Jan 10, 2023
New and Noteworthy
- Added AWS Transit Gateway Flow as an S3 Source.
- Capture information about the IP traffic going to and from your transit gateways.
- The Boomerang feature has been added to Panther’s Slack Bot, available in open beta.
- With Boomerangs, you can send questions to and receive responses from other users in your Slack instance, streamlining your alert triage workflows.
- IPInfo enrichment is now generally available and no longer in closed beta.
- IPInfo provides integrated IP related enrichment, such as adding geolocation and ASN data to alert events.
- To enable IPInfo data sets, see our documentation on how to enable the pack.
- Please note that IPInfo data access in the data lake is not available at this time.

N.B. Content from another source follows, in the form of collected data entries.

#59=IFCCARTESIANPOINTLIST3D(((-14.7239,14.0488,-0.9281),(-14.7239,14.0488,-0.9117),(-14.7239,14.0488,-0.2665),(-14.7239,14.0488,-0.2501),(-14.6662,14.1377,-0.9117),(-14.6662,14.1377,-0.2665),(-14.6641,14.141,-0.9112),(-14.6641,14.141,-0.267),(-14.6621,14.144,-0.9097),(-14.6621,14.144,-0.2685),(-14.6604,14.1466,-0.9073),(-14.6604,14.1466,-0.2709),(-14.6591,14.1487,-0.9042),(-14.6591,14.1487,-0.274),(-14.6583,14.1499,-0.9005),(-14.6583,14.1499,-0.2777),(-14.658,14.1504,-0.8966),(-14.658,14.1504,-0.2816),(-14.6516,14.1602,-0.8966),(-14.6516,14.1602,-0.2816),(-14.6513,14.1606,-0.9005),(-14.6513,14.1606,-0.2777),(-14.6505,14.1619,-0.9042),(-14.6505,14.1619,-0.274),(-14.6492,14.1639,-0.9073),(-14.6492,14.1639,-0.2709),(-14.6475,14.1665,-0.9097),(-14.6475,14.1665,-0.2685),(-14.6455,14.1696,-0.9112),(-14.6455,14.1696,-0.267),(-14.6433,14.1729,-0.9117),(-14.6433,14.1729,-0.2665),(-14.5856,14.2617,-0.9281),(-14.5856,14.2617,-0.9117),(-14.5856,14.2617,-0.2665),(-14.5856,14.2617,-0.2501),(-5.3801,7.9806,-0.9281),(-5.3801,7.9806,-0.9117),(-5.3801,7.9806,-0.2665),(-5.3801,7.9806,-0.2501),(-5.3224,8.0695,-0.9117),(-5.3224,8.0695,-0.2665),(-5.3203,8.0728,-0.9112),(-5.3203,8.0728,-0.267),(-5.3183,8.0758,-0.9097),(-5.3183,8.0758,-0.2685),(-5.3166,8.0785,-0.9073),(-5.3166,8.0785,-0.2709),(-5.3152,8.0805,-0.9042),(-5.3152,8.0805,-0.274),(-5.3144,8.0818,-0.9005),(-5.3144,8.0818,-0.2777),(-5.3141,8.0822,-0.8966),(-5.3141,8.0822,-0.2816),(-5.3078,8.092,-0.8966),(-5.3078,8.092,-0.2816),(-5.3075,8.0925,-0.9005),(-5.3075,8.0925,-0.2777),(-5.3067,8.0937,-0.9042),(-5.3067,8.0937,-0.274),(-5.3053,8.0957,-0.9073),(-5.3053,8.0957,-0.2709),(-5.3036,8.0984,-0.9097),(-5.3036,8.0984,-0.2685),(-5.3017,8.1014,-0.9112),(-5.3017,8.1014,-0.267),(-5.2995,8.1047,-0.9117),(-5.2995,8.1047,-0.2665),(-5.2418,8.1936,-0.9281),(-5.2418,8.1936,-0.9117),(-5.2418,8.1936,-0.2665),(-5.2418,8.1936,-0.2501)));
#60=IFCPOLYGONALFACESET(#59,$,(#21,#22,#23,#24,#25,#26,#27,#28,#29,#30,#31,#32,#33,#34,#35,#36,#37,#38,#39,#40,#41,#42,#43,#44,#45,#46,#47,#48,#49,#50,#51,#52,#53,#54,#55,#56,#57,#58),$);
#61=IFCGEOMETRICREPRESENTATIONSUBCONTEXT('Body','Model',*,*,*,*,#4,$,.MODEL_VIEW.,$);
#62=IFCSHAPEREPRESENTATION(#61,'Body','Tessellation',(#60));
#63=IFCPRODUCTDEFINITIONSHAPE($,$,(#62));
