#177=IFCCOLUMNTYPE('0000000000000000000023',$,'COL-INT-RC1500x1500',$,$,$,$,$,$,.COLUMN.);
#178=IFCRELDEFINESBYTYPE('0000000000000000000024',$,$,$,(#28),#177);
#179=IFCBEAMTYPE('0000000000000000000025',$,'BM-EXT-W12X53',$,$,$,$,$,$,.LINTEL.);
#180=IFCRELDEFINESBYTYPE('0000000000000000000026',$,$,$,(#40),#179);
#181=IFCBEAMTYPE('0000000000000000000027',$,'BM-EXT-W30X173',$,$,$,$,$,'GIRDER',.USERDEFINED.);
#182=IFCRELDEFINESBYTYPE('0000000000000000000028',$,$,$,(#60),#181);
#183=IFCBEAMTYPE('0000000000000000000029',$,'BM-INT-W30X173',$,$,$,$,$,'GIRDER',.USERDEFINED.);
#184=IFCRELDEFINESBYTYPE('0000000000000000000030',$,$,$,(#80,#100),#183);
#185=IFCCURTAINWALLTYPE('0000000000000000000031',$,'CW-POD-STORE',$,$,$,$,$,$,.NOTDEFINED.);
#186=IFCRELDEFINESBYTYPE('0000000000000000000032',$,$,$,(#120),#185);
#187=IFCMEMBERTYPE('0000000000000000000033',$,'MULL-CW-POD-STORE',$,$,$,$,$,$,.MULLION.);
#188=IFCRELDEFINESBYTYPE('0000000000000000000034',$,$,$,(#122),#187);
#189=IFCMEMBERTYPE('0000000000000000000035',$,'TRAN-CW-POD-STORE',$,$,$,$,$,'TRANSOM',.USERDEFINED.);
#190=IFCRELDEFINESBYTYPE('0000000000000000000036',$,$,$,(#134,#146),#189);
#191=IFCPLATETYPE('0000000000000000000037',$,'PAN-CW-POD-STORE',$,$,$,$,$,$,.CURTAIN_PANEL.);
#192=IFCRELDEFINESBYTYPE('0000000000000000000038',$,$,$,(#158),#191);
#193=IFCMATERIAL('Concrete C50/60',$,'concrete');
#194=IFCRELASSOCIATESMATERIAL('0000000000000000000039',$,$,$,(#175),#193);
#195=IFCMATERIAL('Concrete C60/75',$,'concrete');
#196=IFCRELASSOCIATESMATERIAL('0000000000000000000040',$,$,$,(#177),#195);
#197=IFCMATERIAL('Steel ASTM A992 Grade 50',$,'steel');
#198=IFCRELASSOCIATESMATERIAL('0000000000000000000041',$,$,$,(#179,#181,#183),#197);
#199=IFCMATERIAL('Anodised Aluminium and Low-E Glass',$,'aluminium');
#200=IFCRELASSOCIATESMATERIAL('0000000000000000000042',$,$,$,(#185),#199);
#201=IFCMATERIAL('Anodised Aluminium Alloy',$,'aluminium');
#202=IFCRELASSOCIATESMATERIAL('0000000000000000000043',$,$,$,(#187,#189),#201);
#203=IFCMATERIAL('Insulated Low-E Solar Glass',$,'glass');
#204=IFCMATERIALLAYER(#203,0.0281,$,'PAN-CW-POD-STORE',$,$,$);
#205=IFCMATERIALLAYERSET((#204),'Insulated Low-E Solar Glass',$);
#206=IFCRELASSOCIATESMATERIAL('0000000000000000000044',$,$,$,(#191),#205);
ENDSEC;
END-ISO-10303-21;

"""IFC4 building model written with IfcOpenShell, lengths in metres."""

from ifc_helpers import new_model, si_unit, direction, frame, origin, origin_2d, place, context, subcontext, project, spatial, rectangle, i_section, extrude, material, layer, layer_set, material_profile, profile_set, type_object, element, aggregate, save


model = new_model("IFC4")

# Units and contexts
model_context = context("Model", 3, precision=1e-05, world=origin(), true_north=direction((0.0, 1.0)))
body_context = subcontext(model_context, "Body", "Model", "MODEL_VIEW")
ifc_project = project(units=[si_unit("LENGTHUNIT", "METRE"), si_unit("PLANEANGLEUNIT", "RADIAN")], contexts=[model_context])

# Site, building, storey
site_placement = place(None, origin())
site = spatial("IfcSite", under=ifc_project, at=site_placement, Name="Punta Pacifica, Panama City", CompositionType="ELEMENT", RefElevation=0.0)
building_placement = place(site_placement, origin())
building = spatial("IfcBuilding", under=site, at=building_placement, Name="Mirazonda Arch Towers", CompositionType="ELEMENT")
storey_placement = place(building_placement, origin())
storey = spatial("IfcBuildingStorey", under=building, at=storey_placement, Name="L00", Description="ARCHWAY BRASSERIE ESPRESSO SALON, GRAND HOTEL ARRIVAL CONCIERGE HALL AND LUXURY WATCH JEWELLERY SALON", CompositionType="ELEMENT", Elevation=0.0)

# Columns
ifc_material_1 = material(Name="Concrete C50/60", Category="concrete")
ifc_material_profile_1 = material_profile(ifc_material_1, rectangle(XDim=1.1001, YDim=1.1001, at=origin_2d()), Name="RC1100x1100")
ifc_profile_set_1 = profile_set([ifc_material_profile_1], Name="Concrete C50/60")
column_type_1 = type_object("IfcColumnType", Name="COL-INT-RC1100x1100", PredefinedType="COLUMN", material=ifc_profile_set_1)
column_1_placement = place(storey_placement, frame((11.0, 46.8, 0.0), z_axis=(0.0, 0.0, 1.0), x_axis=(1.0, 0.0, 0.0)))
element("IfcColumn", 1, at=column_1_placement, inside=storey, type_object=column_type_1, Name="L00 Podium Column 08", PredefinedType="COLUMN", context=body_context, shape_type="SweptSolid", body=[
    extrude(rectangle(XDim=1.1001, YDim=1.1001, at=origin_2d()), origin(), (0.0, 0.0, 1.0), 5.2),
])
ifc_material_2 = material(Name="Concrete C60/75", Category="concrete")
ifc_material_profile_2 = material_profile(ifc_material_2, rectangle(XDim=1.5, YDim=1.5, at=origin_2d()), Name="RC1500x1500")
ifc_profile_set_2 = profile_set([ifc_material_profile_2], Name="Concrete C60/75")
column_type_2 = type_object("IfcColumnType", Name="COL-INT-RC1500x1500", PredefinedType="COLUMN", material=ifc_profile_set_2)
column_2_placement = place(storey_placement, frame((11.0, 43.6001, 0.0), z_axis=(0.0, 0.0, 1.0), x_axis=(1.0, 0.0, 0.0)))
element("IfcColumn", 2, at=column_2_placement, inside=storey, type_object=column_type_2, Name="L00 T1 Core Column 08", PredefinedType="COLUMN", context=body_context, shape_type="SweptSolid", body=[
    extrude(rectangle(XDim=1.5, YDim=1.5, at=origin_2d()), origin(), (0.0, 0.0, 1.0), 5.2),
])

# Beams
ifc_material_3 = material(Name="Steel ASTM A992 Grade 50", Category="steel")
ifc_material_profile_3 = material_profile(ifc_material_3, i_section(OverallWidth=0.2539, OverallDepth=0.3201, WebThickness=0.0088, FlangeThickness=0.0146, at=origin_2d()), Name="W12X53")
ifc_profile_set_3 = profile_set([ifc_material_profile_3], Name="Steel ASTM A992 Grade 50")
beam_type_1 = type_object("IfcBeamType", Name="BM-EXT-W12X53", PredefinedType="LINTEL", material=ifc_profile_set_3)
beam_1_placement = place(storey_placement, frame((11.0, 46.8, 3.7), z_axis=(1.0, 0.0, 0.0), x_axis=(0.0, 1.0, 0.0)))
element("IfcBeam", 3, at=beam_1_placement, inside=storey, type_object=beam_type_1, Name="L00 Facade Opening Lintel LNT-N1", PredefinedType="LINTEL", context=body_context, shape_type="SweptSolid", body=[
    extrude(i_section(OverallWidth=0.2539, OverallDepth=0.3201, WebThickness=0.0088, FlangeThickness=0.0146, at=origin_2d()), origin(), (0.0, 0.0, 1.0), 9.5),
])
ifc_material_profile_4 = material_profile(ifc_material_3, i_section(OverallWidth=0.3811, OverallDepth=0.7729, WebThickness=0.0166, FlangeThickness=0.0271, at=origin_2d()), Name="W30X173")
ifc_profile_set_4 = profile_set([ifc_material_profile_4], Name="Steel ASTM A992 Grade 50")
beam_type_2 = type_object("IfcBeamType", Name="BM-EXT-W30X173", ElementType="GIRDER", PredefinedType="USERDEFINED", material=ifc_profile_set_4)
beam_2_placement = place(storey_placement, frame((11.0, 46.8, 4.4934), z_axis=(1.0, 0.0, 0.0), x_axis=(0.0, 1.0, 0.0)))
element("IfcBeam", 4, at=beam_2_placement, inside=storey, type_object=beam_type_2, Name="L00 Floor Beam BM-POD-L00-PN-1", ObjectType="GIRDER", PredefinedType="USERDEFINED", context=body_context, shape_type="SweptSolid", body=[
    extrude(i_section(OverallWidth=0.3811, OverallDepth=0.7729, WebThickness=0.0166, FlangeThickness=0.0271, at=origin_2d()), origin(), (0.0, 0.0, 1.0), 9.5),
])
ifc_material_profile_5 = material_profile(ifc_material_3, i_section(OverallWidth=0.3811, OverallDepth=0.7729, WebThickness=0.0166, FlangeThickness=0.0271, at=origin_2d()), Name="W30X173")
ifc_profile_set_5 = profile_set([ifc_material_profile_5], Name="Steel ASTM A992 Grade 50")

Panther Developer Workflows
- Versions 1.47, 1.48, and 1.49 of panther-analysis have been released, including the following changes:
- Added CrowdStrike queries for large zip creation and macOS browser credential access.
- Added new detections for Atlassian, AWS, CrowdStrike, Duo, GitHub, G Suite, Microsoft 365, and Okta.
- Added new Detection Packs for Atlassian, CrowdStrike, Duo, GitHub, and G Suite.
- Read more about the new releases here.
- Pull SentinelOne Cloud Funnel 2.0 logs with Panther’s new Cloud Funnel 2.0 log puller.
- In addition to Panther’s beta support for SentinelOne Cloud Funnel 1.0, this closed beta provides additional support for Cloud Funnel 2.0, which SentinelOne launched in November 2022.
- An additional feature has been added to the improved Log Source Overview feature.
- In the Log Source details page, added the S3 Bucket Details field under an S3 bucket’s Configuration tab, which includes a list of prefixes and excluded prefixes.
- Fixed a bug that caused refresh issues when choosing filters on the Packs page in the Panther Console.
- Fixed a bug that caused search results to appear out of order in the Log Source onboarding page in the Panther Console.